The NYTimes has just published one of its brilliant series of debates, this time on the question of whether it is appropriate to spy on allies. The writers line up more or less two for, two against. Within the for camp there is a split between the world-weary cynical academic Rhodri Jeffreys-Jones, and Bush-era senior Homeland Security official Stewart Baker’s raving paranoia. His headline is “Allies aren’t always friends”, but what he really means is, there are no friends, only enemies we’re not at war with yet. The world is divided up into current enemies and future enemies. He writes

Even the countries we usually see as friends sometimes take actions that quite deliberately harm the United States and its interests. Ten years ago, when the U.S. went to war with Iraq, France and Germany were not our allies. They were not even neutral.
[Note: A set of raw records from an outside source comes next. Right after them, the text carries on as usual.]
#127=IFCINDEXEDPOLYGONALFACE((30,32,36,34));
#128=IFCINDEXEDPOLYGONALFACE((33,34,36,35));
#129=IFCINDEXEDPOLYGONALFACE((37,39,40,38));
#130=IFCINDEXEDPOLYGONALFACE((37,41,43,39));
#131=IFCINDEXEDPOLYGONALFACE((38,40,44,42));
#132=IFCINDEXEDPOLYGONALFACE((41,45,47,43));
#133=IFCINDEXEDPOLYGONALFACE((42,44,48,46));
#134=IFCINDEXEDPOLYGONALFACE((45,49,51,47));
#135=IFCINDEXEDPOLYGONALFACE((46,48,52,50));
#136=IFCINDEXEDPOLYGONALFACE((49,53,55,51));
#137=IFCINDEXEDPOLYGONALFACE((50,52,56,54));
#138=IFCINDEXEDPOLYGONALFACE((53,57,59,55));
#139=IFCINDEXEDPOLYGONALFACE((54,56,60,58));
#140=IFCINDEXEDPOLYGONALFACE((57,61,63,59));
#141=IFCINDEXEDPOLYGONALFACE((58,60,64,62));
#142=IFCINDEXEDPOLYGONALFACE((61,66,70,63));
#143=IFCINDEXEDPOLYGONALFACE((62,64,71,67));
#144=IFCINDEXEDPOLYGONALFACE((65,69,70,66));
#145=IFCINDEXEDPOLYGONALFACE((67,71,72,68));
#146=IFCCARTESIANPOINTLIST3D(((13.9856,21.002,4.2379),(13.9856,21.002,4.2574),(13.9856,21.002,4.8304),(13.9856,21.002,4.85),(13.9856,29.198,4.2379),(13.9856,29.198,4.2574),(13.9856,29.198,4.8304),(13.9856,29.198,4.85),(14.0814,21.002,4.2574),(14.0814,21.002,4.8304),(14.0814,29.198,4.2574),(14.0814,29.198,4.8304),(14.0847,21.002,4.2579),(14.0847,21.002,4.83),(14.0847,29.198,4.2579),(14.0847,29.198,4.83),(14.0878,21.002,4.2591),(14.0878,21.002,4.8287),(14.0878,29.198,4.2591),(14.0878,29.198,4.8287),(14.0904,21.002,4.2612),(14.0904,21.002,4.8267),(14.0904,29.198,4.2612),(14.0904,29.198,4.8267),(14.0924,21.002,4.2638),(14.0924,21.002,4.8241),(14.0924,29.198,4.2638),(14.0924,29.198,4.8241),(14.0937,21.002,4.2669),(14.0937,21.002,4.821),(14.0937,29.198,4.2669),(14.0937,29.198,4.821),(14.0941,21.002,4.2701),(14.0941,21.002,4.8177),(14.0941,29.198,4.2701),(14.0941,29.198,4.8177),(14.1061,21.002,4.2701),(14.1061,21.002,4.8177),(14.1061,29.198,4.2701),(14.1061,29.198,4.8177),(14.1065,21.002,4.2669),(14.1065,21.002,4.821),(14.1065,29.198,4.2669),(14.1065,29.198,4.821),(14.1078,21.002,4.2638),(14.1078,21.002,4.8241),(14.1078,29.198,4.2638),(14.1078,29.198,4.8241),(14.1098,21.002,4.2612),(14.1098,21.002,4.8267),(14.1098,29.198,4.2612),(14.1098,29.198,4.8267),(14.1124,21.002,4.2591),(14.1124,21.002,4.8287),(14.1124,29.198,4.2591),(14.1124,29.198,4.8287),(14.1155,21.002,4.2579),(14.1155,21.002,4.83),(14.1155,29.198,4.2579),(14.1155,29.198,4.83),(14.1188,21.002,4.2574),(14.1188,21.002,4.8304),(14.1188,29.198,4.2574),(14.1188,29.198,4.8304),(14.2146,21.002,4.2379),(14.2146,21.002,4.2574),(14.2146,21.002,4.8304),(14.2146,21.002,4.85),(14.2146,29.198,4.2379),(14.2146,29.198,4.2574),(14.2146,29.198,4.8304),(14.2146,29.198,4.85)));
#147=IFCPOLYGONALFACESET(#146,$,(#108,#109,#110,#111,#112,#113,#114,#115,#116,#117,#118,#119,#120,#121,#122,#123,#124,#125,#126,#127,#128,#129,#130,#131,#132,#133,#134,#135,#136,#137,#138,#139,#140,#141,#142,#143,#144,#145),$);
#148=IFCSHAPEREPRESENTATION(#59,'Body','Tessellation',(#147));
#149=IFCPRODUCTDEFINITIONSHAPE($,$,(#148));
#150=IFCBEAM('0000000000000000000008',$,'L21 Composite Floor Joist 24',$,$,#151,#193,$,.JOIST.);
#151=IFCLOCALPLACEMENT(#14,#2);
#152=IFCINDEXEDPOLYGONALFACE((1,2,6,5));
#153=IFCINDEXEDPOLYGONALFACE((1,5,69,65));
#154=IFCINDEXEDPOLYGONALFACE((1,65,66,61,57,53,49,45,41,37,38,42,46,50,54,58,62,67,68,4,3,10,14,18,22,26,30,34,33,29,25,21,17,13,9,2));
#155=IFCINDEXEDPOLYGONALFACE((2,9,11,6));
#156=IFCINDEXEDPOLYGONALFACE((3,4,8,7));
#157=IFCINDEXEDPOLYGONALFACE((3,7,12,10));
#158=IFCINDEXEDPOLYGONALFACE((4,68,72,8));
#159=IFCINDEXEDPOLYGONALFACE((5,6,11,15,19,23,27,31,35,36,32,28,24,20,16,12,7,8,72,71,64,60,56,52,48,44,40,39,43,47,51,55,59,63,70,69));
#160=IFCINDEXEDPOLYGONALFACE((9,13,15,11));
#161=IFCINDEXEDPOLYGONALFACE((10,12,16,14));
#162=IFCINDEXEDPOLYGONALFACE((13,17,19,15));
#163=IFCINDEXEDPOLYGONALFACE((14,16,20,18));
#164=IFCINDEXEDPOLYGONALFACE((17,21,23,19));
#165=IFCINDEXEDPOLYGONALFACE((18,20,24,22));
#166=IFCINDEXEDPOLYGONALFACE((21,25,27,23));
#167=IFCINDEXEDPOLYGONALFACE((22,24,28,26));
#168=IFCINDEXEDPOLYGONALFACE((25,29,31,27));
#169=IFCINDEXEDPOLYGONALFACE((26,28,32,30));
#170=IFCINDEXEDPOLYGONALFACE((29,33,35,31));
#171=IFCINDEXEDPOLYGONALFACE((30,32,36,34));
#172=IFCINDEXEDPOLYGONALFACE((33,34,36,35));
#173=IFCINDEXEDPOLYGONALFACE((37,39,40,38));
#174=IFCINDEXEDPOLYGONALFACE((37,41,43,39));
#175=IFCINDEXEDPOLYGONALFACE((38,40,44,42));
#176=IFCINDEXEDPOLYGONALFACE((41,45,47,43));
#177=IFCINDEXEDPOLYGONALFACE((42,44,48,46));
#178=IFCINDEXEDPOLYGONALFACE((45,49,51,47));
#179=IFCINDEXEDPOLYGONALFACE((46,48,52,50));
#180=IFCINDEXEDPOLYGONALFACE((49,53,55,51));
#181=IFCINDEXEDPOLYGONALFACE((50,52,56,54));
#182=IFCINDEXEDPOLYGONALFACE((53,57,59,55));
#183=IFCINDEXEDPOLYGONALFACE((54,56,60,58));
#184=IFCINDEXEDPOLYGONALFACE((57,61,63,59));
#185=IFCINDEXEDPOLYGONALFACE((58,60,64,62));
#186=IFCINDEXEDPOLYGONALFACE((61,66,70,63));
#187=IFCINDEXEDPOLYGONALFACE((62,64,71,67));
They actively worked with Russia and China to thwart the U.S. military’s mission. Could they act against U.S. interests again in the future – in trade or climate change negotiations, in Syria, Libya or Iran?

This is, to put it briefly, insane. It’s like saying, “You’re not my friend. You actively worked to take away my car keys and thwart my plan to drive home from the party yesterday,” after you managed to get the keys back and then ran the car into a tree. Anyone who followed the discussion in France in Germany at the time of the Iraq war would have to acknowledge that “harming the United States and its interests” was nowhere part of the justification for opposing the war. It wasn’t even a matter of seeing the US and Europe as having opposing interests that demand a compromise, that of course can happen between friends. The general belief was that the US and Europe had one common interest, and the US was screwing it up with its obsession with the “military mission”.

Now, the public debate may have been a charade. Perhaps Mr Baker has seen NSA-procured films of clandestine meetings between Schröder and Chirac, with Chirac twirling the thin moustache that he had specially attached by state cosmeticians for such meetings, and saying, “Of course, you are right, cher Ger’art, my plan to deploy the Force de Frappe to obliterate Washington and that freedom-loving Bush and the ‘orrible MacDo, lacks sufficient, how you say, finesse. Far better to allow our good friend Saddam ‘ussein do our dirty work.” And then they pinned the European Star, first class, to Osama bin Laden’s robe, and apologised that his great service could not yet be publicly acknowledged, but that he would be shining beacon to enemies of freedom down through the ages.

It’s a shame that they can’t publish that. Everyone would understand then why spying on our not-yet-enemies is so important. Until then, our spies will have to remain sadly misunderstood.